I can't see mine with sunglasses on ,,I all ways turn my back lite up to 10,,low battery voltage will cause it to turn on and off as will a bad connection,,,I would not recommend this unit to anyone,,to complicated to use!!!!


----------



## papaperch (Apr 12, 2004)

I have read on several sites that Lowrance has had more than its share of problems with the HDS series. I am not bashing Lowrance just stating what I have read. The main problem from what I've read is the units are not water sealed very good. Moisture creeping into them causes them to short out.

The complaints must be valid as Lowrances customer service ( normally very good ) is taking a beating as far as co-operation and turn around time. For what these units cost one would think that more research would have been done prior to retailing these units.

I hope Lowrance did not follow the business plan of Winchester back in 1964. For those of you who are into guns know why the term pre-64 determines the value of your gun. A short explanation of what Winchester did was " So what if its junk as long as the Winchester name on it. It will sell ". It did work until the American consumer caught on. Hopefully Lowrance is not following this plan and these units are a glitch in their company's history.

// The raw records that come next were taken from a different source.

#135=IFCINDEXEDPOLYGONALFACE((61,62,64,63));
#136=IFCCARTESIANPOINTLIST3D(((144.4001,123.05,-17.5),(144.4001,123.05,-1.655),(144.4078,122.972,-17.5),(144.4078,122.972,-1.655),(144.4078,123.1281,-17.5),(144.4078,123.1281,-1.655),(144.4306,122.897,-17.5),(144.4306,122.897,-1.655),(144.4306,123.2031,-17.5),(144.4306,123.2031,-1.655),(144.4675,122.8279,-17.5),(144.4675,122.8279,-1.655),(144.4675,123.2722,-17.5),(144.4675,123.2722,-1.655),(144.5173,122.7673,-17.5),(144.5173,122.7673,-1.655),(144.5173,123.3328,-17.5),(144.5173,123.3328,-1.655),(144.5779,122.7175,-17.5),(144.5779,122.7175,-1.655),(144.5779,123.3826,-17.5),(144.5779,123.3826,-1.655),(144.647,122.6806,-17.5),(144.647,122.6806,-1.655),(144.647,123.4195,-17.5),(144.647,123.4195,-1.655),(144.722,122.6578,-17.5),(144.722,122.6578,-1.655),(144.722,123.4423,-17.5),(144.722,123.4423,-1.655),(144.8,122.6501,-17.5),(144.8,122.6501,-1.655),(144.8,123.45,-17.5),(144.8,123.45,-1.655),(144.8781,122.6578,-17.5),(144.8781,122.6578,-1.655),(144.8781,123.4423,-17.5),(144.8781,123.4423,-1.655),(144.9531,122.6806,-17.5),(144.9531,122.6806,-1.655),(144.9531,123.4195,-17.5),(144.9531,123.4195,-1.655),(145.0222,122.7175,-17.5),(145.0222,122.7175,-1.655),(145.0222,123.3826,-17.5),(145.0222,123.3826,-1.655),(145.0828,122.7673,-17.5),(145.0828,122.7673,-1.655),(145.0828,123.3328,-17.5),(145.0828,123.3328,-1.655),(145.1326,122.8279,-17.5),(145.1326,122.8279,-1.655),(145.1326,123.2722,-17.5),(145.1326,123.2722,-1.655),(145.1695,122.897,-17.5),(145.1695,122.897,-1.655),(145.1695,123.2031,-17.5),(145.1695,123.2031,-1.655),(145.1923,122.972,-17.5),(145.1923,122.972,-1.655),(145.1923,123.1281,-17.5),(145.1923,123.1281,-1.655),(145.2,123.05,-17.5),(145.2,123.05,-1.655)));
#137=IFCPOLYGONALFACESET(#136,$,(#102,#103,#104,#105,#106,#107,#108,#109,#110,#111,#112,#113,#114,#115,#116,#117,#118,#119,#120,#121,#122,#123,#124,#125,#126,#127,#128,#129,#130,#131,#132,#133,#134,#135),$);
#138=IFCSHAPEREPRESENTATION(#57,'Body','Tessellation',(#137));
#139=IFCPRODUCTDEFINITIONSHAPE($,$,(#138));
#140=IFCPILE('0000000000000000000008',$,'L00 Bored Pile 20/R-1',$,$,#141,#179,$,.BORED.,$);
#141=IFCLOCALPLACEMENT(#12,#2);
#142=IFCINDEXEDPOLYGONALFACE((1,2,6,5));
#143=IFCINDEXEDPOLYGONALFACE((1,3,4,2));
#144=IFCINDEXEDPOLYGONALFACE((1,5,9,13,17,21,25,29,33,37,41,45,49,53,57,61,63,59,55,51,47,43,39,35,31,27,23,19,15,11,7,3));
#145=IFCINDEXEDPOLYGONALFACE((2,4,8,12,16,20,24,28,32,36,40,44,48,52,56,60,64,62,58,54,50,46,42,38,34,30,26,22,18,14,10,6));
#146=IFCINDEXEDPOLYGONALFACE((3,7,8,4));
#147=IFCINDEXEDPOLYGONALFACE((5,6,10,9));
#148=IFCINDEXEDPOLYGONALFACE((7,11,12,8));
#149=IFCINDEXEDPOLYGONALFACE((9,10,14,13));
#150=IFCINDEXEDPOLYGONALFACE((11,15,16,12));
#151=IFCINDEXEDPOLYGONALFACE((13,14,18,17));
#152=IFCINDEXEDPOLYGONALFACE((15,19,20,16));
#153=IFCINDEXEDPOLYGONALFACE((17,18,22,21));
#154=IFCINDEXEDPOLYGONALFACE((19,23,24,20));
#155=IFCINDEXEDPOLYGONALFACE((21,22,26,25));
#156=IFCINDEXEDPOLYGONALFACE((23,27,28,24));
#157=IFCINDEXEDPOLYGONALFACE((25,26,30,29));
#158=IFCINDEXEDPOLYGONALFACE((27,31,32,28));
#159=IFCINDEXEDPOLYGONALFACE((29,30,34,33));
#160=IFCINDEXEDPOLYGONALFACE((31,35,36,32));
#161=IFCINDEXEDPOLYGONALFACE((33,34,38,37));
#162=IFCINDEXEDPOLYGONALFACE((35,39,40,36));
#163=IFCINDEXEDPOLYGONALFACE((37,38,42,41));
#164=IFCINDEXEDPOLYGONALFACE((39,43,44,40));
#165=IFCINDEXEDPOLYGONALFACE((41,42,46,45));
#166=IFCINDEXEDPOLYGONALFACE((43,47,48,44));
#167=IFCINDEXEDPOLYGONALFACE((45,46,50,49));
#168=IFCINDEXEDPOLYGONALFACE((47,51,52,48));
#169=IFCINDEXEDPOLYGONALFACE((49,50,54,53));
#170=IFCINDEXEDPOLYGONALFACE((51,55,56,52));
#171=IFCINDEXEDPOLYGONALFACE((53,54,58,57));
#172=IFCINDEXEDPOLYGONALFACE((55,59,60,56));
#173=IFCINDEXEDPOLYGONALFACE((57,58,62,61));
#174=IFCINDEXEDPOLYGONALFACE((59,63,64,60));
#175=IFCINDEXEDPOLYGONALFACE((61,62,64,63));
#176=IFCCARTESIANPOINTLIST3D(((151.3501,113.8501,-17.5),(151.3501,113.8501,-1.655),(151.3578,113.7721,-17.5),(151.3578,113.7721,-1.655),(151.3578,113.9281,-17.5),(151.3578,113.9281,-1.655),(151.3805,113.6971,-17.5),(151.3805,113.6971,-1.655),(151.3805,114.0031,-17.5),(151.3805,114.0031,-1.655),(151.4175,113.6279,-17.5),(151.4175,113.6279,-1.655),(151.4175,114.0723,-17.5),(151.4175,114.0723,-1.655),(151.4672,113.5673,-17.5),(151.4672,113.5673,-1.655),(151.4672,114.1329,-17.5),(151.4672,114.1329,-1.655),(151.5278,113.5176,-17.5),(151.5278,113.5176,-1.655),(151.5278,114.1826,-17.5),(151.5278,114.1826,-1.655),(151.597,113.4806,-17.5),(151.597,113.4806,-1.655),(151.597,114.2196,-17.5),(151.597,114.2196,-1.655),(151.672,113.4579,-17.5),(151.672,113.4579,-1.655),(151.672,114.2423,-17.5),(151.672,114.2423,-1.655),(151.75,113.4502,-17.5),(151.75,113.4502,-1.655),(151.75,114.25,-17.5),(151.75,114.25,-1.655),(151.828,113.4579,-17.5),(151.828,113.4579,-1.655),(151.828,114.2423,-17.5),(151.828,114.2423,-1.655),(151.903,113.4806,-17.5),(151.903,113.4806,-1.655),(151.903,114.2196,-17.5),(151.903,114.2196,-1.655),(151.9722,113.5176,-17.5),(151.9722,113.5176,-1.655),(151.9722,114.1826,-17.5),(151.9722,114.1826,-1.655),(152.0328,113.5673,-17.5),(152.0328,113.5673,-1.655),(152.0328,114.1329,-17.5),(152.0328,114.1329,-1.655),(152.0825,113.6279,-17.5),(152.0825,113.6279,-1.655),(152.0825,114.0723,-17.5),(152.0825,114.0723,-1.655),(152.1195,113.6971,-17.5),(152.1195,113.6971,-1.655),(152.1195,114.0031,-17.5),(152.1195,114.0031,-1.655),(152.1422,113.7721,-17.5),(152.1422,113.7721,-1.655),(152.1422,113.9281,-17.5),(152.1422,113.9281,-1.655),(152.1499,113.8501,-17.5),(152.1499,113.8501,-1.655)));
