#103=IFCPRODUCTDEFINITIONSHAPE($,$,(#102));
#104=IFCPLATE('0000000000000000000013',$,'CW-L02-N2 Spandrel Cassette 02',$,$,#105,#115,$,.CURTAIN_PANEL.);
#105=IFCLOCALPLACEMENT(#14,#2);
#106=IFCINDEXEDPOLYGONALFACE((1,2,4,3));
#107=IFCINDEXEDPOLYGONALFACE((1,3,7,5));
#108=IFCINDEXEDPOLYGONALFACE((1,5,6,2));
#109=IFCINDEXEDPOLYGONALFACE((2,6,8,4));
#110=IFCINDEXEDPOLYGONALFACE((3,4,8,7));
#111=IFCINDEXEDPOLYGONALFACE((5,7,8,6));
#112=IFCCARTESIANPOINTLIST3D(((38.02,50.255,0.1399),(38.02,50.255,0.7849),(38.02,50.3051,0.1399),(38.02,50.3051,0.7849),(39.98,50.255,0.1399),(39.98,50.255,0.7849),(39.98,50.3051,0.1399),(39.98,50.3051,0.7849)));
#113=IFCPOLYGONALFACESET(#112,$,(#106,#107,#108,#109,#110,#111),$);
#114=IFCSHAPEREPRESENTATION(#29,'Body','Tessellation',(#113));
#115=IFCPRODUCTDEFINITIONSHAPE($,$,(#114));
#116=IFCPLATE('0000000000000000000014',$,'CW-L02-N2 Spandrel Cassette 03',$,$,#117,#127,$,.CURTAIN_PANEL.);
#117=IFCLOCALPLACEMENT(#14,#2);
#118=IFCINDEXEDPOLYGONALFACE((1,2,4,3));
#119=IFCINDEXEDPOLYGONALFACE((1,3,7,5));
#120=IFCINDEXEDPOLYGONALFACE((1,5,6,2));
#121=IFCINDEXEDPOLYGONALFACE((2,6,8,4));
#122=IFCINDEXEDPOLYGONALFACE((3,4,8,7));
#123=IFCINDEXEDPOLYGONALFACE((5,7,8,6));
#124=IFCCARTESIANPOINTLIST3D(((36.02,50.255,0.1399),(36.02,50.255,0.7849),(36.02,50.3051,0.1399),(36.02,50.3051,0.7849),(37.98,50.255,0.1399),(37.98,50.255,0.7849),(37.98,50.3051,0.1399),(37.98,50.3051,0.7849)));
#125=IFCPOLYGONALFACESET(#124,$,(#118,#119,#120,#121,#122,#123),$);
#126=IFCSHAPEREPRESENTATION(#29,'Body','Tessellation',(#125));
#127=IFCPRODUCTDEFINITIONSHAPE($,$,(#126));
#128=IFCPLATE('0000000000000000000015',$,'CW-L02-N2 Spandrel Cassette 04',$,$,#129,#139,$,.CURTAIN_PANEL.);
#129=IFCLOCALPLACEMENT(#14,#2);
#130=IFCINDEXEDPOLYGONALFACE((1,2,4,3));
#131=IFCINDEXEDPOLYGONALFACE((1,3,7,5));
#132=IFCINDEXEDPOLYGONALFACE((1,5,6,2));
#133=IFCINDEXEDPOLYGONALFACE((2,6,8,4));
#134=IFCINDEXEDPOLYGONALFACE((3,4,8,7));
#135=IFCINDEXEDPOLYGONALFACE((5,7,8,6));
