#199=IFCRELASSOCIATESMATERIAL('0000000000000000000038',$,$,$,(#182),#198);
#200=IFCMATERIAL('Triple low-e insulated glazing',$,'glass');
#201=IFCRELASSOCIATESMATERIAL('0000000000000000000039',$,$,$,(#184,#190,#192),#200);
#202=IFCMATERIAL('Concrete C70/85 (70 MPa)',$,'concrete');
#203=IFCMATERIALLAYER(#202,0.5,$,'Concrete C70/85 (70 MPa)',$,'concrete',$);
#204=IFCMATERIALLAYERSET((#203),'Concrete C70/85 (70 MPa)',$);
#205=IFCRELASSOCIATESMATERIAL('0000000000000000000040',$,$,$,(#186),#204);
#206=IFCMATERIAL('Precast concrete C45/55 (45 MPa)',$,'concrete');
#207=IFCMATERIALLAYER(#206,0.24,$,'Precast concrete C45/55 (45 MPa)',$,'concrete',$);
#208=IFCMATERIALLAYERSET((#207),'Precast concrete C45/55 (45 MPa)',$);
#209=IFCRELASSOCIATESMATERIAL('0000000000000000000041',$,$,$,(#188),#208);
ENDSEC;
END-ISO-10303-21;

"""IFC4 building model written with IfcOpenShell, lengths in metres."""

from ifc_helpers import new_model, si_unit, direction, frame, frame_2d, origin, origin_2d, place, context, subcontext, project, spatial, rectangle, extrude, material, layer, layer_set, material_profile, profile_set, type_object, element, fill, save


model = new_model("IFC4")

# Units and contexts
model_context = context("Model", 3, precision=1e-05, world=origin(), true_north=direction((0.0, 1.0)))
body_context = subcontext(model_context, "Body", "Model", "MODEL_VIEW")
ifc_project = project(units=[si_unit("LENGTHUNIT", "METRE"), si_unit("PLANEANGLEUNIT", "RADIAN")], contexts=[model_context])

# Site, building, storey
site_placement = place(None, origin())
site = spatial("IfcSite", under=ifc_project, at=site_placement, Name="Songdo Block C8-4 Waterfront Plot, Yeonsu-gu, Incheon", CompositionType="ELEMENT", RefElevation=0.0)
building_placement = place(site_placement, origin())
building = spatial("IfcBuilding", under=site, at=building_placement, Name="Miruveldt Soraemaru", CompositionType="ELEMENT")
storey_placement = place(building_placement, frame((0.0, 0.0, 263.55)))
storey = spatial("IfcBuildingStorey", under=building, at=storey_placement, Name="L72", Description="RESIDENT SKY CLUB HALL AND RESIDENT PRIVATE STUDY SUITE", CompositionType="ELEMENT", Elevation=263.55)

From what I have read they ( Lowrance ) has a lot of consumer unrest now and a major effort will have to be made to regain these disgruntled customer's loyalty again.


----------



## sixtyminutes (Jan 3, 2009)

I love mine. I hope I don't have any trouble with it. I would definitely buy another one. I am planning a HDS10 if I can save up the funds. The detail and target separation of the sonar is the best I've ever seen. The unit in auto mode makes adjustment so that I hardly ever need to tune it. It reads at high speeds. It is a bit complex but it has a ton of features. It's kinda like computer software. You just gotta play with it and get to know it.
The GPS / chart plotter is something I will never be without if I have a choice. Everyone has an opinion, but I am very pleased with everything but the price. But then again, Hummingbird is just as expensive for a similar unit. 

I have owned Eagle, Humminbird, Lowrance and Garmin. I am very critical of my electronics as I consider them one of the most important tools I have for the kind of fishing that I do.


----------



## Shortdrift (Apr 5, 2004)

papaperch said:


> From what I have read they ( Lowrance ) has a lot of consumer unrest now and a major effort will have to be made to regain these disgruntled customer's loyalty again.


 I can vouch for the above based on experience.


----------



## pezman38 (Nov 9, 2009)

I like my HDS 5. I had some issues but the dealer took care of it.


----------